Please refer to the SEBI circular dated April 21, 2020,
(circular no. SEBI/HO/CFD/CIR/CFD/DIL/67/2020) for more details.
(ii)
One-time relaxation to issuers with
respect to validity of SEBI observations
In view of representations from various industry bodies, SEBI,
vide its circular dated April 21, 2020, (circular no. SEBI/HO/CFD/DIL1/CIR/P/2020/66)
has provided one-time relaxation with respect to validity of SEBI observations.
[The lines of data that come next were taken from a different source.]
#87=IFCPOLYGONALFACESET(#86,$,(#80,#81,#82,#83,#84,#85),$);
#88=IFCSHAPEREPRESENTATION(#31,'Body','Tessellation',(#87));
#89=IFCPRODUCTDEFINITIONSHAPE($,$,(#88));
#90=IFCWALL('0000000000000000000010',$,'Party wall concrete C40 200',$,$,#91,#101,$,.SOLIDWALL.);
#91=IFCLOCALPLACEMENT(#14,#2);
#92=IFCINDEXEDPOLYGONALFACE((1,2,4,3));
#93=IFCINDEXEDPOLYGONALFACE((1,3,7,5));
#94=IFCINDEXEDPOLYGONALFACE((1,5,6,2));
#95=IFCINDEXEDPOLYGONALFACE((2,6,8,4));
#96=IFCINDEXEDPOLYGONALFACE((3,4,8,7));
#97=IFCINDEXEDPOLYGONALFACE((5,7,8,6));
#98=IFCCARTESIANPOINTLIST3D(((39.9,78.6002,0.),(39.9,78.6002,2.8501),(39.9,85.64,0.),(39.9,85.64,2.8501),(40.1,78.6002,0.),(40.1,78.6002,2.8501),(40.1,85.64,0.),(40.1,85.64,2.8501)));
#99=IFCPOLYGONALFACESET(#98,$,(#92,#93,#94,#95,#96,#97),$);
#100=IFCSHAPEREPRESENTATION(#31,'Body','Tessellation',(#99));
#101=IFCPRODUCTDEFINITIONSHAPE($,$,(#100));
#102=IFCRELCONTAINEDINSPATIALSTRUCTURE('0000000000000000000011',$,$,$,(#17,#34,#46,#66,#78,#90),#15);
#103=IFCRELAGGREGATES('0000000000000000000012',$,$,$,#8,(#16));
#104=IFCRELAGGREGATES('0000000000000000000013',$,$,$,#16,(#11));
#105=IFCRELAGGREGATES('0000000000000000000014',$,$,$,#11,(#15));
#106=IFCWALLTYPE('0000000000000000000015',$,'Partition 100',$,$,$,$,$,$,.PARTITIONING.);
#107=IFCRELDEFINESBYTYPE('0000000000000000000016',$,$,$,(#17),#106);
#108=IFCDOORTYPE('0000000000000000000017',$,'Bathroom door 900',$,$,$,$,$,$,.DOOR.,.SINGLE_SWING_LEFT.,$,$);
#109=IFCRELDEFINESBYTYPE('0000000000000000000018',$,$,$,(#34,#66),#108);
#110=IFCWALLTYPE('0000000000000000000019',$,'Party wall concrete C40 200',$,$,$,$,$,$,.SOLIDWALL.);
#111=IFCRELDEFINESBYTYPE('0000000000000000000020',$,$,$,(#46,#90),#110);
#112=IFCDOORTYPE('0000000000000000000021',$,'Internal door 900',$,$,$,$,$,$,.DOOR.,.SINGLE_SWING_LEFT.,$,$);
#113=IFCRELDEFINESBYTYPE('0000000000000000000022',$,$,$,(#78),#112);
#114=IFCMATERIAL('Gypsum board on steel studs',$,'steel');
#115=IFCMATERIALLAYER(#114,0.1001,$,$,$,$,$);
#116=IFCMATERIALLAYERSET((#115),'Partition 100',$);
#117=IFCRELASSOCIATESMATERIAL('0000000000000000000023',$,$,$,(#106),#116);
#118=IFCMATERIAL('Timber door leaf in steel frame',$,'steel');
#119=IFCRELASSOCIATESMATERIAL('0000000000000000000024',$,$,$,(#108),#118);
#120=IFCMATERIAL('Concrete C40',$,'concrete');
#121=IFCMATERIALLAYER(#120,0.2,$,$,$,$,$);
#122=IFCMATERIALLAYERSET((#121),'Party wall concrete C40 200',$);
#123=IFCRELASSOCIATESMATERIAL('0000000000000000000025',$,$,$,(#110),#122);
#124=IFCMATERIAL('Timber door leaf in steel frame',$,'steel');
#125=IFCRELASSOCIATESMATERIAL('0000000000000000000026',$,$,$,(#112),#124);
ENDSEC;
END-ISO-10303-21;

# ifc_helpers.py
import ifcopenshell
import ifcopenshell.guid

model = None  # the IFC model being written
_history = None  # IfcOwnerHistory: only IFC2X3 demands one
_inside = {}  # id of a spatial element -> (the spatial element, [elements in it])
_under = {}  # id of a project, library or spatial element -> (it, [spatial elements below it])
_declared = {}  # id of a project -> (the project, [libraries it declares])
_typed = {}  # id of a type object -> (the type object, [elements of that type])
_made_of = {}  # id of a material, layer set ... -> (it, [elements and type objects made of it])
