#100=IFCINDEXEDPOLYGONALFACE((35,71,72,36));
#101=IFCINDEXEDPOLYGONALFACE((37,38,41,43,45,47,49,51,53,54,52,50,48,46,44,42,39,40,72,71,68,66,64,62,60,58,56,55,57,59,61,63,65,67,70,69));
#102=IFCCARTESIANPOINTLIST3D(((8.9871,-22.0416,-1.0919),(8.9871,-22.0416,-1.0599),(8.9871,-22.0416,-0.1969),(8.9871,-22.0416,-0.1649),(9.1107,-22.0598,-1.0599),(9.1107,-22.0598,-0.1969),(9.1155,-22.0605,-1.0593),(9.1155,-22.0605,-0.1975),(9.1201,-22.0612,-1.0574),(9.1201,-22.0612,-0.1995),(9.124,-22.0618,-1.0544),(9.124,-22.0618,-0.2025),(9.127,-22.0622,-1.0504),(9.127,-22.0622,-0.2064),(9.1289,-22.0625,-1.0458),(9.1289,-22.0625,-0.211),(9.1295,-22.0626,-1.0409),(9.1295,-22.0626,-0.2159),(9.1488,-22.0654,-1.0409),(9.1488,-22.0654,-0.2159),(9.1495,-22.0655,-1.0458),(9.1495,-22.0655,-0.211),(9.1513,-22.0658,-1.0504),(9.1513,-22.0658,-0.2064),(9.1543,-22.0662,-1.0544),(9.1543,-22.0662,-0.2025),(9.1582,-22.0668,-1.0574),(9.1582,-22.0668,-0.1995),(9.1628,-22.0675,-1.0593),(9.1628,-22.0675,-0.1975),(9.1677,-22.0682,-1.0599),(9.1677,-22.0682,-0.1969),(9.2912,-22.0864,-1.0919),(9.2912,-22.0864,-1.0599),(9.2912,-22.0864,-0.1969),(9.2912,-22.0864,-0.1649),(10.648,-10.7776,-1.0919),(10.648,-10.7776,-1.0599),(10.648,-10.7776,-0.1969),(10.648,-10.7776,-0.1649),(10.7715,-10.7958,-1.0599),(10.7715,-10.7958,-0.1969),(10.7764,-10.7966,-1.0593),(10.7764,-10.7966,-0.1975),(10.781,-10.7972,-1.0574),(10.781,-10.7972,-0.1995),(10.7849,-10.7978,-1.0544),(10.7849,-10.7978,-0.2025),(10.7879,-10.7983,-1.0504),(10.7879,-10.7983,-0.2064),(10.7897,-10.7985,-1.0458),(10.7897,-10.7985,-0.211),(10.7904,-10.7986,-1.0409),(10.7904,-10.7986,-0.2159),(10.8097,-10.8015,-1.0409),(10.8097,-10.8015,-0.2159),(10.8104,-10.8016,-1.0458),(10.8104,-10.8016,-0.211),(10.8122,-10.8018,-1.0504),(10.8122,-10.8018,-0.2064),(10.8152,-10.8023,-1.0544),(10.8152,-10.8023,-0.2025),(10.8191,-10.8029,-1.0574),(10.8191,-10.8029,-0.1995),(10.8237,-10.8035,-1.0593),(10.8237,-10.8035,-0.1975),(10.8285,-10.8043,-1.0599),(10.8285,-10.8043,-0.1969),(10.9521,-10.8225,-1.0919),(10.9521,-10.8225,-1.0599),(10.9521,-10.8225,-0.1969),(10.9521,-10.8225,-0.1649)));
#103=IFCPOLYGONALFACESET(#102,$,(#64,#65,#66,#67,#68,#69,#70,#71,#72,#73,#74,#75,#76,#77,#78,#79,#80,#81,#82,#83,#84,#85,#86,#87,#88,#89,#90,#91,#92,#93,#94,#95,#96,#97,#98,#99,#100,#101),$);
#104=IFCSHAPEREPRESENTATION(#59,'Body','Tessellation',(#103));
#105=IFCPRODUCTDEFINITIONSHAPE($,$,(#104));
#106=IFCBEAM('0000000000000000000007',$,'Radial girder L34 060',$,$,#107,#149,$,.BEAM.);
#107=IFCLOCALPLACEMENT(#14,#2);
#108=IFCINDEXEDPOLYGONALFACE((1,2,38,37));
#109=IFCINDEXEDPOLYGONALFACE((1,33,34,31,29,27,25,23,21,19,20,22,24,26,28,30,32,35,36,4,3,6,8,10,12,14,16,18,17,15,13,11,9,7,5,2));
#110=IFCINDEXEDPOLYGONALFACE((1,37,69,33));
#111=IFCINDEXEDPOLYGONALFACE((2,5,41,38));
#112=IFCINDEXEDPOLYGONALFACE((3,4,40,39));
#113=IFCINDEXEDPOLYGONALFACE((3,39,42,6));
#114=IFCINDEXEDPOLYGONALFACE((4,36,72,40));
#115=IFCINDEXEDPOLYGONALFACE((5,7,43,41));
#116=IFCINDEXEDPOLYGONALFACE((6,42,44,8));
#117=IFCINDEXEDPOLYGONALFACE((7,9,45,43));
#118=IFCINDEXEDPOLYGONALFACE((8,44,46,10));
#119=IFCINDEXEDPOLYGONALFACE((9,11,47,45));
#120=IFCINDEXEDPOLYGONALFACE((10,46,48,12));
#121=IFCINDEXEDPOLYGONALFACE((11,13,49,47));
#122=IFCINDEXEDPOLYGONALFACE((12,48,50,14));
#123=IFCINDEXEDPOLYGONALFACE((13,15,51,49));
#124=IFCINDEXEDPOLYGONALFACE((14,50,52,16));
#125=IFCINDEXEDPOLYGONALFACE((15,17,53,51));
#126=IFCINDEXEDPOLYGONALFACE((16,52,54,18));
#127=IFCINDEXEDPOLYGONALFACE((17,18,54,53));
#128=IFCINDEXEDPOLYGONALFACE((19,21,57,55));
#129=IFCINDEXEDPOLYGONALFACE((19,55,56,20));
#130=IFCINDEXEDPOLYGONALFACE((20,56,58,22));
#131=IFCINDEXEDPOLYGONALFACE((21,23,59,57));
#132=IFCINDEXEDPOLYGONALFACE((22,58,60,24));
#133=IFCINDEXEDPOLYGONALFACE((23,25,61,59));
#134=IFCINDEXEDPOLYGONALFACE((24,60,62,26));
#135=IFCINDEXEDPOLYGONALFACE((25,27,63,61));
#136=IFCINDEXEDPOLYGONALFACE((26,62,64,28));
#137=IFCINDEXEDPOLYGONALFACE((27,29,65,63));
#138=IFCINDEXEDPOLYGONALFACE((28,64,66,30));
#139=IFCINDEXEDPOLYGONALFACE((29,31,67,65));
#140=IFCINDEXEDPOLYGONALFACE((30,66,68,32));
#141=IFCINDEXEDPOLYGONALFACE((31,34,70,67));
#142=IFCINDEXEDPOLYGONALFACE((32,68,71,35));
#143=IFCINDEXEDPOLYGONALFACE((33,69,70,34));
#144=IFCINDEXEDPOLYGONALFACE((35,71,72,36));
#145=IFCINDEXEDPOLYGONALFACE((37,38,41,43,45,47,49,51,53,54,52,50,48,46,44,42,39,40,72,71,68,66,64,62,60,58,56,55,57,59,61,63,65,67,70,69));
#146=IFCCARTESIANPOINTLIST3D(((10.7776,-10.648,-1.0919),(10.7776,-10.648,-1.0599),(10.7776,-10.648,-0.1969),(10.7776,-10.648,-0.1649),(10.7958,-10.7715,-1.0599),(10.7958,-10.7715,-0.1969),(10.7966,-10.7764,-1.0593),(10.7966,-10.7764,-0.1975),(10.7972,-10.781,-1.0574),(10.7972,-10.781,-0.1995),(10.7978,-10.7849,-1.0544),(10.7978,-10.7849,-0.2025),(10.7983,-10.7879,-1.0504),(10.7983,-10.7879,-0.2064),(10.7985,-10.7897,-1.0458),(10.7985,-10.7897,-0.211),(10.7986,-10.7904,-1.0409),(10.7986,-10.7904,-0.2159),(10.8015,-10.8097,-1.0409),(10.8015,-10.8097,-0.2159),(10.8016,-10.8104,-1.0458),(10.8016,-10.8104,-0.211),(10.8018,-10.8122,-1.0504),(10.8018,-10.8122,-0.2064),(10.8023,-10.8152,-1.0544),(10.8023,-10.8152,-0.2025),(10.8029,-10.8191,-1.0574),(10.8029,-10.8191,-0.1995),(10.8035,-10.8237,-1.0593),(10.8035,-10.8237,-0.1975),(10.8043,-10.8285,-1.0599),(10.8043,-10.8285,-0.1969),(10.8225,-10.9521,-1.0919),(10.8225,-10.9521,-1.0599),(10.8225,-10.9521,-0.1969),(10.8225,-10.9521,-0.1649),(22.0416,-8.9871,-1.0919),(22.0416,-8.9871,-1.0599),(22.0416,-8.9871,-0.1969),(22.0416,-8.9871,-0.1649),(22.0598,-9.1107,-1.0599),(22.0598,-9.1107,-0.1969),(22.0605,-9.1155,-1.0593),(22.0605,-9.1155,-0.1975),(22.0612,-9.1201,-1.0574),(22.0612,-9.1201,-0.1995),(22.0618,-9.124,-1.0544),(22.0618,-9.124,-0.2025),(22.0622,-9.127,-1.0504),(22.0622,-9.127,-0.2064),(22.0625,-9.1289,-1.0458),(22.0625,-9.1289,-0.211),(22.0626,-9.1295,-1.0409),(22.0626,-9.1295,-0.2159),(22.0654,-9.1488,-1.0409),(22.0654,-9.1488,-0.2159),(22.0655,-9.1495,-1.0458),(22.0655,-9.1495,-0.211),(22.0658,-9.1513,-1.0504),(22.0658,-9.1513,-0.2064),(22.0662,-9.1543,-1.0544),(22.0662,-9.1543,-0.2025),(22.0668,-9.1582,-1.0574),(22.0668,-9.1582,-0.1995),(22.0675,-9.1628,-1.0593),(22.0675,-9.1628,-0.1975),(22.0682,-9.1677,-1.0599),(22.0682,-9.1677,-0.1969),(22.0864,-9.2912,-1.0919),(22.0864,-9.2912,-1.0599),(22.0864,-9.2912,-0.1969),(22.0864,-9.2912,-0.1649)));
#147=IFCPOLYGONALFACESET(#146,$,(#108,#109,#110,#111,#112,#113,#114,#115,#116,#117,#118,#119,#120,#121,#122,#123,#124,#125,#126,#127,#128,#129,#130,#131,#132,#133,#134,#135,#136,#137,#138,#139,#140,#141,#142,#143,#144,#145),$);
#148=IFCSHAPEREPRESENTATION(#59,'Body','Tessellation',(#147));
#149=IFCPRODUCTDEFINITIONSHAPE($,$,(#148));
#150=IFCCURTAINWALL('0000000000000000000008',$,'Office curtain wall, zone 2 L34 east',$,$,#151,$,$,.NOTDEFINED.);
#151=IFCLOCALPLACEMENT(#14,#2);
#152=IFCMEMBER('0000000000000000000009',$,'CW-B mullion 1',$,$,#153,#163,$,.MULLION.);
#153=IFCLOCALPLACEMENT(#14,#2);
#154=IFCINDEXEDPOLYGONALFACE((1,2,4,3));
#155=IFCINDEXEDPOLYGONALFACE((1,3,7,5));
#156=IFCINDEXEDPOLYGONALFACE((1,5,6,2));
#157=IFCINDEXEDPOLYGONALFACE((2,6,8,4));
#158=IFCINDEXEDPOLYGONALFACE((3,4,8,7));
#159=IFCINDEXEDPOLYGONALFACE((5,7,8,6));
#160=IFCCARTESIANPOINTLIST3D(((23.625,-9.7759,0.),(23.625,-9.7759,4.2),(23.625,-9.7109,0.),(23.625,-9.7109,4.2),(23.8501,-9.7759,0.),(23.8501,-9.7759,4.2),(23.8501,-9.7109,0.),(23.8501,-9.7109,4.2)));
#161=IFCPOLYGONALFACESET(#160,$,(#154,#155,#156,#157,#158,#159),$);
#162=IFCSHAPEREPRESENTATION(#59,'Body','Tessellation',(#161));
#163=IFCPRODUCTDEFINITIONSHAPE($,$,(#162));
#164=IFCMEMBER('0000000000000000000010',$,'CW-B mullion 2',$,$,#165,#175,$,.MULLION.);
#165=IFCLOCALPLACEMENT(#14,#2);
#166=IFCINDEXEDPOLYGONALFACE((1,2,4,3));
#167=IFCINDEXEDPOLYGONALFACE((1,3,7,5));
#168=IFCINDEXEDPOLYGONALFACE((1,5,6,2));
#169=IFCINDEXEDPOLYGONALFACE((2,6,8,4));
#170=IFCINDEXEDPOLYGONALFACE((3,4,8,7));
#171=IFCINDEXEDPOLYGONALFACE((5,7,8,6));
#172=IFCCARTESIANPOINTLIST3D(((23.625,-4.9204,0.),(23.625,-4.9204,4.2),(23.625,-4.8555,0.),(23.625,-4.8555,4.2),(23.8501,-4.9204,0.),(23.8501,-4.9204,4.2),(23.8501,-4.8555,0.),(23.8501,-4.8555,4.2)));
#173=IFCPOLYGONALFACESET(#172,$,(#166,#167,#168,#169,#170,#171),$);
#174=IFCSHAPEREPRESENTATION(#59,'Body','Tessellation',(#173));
As per SEBI ICDR Regulations, any public issue/rights issue
may be opened within 12 months from the date of issuance of the observations by
SEBI. However, due to the prevailing COVID-19 pandemic, for all public/rights
issuers whose SEBI observations have expired or shall expire between March 1,
2020, and September 30, 2020, SEBI has extended the validity of those
observations by 6 months from the date of its expiry, subject to an undertaking
from the lead manager of the issue confirming compliance with the SEBI ICDR
Regulations.
Further, an issuer, whose offer document is pending receipt
of SEBI observations and whose estimated issue size is increasing or decreasing
by more than 20% shall be required to file a fresh offer document. However,
SEBI has relaxed this requirement and permitted to increase or decrease the
fresh issue size by up to 50% of the estimated issue size (instead of the
present limit of 20%) without requiring to file fresh draft offer document with
SEBI. This relaxation shall be applicable for all issues (i.e. IPOs, rights
issues and FPOs) opening before December 31, 2020, subject to the following
conditions:
- there has been no change in the objects of the issue;
- the lead manager undertakes that the draft offer document is in compliance with provisions of the SEBI ICDR Regulations; and
- the lead manager shall ensure that all appropriate changes are made to the relevant section of draft offer document and an addendum, in this regard, shall be made public.
Please refer to the dated April
21, 2020, SEBI circular (circular no. SEBI/HO/CFD/DIL1/CIR/P/2020/66) for more details.